Below we showcase several projects in which SIH has used data collection and curation. See all projects.
Labelling Clause Type at Scale for LCT
LCT studies how knowledge is built through teaching, and in order to determine the trajectory of knowledge building, proposes to categorise each clause in a teaching transcript. SIH made this process of labelling clauses much faster and scalable. They did so firstly by developing software with natural language processing technology that converts a lesson transcript into a spreadsheet where each row contains a clause to be categorised. Secondly, they developed a machine learning classifier to learn from these spreadsheets and predict the labels of future clauses. Finally, SIH developed techniques to visualise the trajectory of knowledge building through a lesson where clauses have been categorised.
Predicting Crime using a Spatial-Demographic Framework
Responding to domestic violence related assaults dominate much of the NSW Police’s resources. We try to understand the relationships that drive social-demographic change and cause the occurrence of crime using a complex modelling framework. The social-demographic-crime network and its inter-dependencies were modelled using a Bayesian vector autoregression model. We built a collaboration with BOCSAR, the crime database of all offences in NSW over the last 20 years, and sourced demographic data for multiple census years. The results of this study will help inform policy decision-making by government and police.

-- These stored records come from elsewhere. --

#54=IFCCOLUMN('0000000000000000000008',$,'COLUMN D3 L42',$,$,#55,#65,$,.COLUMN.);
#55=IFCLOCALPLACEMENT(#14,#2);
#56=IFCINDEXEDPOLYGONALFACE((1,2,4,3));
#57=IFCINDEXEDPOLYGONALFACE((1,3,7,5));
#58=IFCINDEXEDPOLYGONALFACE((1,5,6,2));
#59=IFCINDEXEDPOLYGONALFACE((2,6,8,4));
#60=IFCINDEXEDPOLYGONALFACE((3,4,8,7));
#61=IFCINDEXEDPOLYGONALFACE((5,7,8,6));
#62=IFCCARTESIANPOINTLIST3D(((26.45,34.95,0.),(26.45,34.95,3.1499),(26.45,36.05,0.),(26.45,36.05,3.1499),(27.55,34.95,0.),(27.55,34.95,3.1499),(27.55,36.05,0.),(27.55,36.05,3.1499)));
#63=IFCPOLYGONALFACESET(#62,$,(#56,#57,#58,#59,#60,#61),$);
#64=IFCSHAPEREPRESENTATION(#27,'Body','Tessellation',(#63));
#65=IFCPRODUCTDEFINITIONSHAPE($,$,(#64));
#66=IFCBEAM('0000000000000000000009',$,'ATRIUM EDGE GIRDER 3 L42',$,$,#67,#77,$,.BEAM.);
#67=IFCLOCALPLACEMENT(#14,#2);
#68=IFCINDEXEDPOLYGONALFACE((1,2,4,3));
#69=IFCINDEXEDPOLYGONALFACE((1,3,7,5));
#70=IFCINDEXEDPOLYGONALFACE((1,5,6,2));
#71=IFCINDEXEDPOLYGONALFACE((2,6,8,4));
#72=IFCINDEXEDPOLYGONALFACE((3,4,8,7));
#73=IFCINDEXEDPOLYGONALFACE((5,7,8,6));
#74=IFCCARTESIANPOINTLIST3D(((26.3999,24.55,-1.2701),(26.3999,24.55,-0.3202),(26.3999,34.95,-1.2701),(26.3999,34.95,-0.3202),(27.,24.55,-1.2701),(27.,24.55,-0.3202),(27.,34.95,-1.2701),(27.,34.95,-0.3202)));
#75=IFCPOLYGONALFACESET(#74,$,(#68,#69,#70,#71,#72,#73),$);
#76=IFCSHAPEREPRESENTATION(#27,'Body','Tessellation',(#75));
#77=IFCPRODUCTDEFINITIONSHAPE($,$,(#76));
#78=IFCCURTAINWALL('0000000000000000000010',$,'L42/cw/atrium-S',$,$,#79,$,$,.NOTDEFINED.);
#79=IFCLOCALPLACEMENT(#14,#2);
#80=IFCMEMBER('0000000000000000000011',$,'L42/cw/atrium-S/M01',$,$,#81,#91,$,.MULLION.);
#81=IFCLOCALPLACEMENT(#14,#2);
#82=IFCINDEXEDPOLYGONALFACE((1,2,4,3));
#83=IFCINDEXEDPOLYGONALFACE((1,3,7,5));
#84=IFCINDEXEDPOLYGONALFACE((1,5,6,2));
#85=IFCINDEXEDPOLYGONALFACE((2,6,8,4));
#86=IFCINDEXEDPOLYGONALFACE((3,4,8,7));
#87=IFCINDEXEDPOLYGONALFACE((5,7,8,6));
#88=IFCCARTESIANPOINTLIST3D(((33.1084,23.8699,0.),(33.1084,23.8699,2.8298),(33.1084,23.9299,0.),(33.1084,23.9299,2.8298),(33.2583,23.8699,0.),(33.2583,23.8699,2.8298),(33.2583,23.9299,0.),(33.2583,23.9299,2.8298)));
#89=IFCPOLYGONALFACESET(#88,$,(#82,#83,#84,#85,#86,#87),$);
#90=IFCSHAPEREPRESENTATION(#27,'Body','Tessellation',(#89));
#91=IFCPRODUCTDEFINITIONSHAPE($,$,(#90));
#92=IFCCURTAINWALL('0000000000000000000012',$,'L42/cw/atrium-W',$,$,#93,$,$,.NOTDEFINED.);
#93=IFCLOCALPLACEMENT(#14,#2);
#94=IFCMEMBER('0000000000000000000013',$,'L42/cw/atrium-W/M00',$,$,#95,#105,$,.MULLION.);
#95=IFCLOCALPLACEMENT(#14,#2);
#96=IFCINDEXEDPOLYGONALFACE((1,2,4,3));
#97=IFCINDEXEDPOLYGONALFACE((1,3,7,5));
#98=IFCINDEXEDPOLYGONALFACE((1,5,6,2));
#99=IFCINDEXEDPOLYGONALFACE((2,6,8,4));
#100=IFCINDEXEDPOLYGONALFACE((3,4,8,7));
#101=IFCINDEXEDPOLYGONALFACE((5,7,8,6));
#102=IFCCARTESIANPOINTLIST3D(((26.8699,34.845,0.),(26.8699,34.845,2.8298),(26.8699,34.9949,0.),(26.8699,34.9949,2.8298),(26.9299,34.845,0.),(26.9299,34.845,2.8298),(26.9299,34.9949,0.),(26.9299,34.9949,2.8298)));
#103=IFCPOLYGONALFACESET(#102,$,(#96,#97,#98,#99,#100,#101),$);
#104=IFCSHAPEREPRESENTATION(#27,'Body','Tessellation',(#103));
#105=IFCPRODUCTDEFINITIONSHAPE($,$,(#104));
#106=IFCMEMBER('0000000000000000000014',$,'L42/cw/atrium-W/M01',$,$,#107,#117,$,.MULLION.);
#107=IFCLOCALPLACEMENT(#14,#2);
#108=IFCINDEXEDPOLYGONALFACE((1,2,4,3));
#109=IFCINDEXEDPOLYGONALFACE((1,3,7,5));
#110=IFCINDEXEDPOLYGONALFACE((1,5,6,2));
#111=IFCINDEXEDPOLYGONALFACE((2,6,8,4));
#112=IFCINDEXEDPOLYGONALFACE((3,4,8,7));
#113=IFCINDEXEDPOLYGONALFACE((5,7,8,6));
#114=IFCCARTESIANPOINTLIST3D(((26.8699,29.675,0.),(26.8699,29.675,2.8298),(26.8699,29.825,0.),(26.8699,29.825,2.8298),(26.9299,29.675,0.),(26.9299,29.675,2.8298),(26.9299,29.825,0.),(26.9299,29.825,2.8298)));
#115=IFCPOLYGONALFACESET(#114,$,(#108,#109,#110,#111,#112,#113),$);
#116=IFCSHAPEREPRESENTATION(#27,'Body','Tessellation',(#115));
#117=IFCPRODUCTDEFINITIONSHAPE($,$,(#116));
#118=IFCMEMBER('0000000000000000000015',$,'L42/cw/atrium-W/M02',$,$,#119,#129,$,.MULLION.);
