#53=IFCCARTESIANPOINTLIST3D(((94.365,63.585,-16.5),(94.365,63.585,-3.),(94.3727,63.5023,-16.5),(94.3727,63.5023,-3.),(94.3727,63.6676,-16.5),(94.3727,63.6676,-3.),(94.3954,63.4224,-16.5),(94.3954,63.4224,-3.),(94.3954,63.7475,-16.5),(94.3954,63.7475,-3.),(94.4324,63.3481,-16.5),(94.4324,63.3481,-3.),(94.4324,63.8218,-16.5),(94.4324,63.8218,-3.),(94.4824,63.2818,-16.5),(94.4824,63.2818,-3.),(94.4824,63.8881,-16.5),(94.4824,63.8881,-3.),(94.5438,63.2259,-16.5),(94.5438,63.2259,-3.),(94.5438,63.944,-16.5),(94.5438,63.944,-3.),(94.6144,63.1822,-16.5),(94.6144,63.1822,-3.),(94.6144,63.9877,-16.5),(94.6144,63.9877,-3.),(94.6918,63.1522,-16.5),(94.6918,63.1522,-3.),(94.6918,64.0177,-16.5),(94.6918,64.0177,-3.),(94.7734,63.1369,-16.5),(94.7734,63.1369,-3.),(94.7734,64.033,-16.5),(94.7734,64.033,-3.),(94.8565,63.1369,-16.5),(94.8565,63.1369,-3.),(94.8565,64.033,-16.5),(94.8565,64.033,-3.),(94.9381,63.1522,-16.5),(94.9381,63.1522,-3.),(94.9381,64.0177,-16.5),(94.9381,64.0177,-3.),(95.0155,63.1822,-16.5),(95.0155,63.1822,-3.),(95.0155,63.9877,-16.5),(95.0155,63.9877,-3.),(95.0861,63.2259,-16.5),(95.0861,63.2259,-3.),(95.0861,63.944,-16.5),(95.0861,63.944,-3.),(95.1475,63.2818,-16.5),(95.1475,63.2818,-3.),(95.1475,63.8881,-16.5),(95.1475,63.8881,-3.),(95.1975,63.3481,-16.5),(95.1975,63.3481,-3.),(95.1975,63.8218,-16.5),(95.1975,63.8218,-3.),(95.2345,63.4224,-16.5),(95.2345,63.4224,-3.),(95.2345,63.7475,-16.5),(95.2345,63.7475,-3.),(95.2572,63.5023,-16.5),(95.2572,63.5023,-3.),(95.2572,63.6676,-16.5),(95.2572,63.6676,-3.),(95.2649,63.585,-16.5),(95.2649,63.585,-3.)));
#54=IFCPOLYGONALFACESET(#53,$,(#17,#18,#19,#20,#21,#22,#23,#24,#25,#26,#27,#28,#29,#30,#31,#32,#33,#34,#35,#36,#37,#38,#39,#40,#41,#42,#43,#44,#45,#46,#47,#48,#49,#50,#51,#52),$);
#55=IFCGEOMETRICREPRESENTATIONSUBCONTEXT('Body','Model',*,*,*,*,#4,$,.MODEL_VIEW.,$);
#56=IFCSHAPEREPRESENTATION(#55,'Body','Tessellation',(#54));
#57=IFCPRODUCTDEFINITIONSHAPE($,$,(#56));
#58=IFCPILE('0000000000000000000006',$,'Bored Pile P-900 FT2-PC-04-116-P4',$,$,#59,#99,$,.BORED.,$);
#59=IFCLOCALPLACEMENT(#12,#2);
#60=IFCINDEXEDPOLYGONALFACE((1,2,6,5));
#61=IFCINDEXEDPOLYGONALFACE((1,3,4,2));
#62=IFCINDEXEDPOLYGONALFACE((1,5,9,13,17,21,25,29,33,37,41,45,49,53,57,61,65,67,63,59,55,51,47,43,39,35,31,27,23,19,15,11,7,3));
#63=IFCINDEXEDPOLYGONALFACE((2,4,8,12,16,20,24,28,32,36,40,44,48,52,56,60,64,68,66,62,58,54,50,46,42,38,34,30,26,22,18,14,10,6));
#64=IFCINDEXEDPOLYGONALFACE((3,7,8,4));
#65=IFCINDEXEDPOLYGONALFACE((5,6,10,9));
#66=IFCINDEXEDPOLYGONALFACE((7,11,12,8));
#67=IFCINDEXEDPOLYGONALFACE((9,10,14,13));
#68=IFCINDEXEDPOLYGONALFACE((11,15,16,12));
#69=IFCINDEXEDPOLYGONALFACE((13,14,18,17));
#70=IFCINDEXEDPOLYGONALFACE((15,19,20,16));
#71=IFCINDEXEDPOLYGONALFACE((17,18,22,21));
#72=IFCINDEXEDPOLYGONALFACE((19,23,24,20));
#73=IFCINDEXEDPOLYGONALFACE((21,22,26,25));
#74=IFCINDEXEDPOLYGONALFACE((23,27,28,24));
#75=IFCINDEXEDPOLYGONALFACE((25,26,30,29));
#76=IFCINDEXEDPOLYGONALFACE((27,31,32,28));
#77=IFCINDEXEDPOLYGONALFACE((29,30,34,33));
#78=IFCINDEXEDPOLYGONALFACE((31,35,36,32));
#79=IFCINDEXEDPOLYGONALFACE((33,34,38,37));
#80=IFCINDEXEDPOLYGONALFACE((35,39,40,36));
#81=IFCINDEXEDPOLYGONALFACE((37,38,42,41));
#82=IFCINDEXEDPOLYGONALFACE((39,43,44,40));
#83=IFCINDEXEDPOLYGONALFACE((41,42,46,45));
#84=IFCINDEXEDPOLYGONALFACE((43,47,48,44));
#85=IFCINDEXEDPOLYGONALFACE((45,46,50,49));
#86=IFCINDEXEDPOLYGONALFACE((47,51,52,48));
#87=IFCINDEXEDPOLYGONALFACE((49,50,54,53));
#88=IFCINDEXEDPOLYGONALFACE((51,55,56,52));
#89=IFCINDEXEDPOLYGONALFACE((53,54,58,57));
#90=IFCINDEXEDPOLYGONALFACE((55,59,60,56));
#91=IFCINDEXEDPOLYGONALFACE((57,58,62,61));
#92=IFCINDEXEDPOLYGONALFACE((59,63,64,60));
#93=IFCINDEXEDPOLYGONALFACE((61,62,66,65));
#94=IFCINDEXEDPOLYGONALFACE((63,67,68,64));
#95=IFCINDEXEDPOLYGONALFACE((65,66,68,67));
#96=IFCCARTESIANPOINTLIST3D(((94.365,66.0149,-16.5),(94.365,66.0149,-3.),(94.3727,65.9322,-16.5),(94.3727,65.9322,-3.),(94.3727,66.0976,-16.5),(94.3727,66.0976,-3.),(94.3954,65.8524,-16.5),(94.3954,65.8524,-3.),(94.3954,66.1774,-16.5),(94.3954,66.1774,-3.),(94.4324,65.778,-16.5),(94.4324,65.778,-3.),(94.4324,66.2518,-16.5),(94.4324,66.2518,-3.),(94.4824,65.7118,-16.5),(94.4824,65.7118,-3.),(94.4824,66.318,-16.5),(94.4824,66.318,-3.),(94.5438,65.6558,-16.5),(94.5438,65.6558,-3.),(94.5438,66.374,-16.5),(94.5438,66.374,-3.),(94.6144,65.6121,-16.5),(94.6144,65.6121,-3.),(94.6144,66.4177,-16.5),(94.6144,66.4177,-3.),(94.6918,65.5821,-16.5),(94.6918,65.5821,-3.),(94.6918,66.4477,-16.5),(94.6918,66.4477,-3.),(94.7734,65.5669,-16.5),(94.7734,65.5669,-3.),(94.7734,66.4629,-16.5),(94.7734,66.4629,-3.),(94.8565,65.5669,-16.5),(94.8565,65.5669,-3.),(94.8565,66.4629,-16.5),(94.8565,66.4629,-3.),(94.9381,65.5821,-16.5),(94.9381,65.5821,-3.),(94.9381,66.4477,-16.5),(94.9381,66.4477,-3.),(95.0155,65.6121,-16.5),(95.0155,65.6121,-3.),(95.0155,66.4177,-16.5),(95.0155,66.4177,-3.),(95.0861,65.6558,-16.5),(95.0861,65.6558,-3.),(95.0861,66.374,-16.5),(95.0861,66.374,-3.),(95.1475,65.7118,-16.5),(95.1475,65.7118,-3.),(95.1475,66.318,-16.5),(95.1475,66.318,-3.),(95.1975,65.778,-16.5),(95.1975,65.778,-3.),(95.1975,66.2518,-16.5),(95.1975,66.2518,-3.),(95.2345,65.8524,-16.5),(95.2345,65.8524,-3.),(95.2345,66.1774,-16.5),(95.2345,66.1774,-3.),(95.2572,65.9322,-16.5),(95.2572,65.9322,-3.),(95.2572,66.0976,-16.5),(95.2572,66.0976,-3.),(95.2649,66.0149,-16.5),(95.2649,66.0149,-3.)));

Automating information curation in the OMIA knowledge base
Online Medelian Inheritance in Animals (OMIA) is an online knowledge base of inherited disorders in animals. It offers a wide range of search & curation functionalities on the animal genetics database created and maintained by Prof. Frank Nicholas. Frank maintained an annotated bibliography in OMIA by manually searching for the latest articles (~150 per day), but this approach was not sustainable. SIH automated this process to emulate Frank’s existing work. A text-mining pipeline now automatically downloads and shortlists recent publications predicted to have high relevance for OMIA. We developed an interface in which Frank can annotate or exclude these publications from the knowledge base. This project enables the OMIA to continue contributing to the genetic science community as a user-friendly online platform.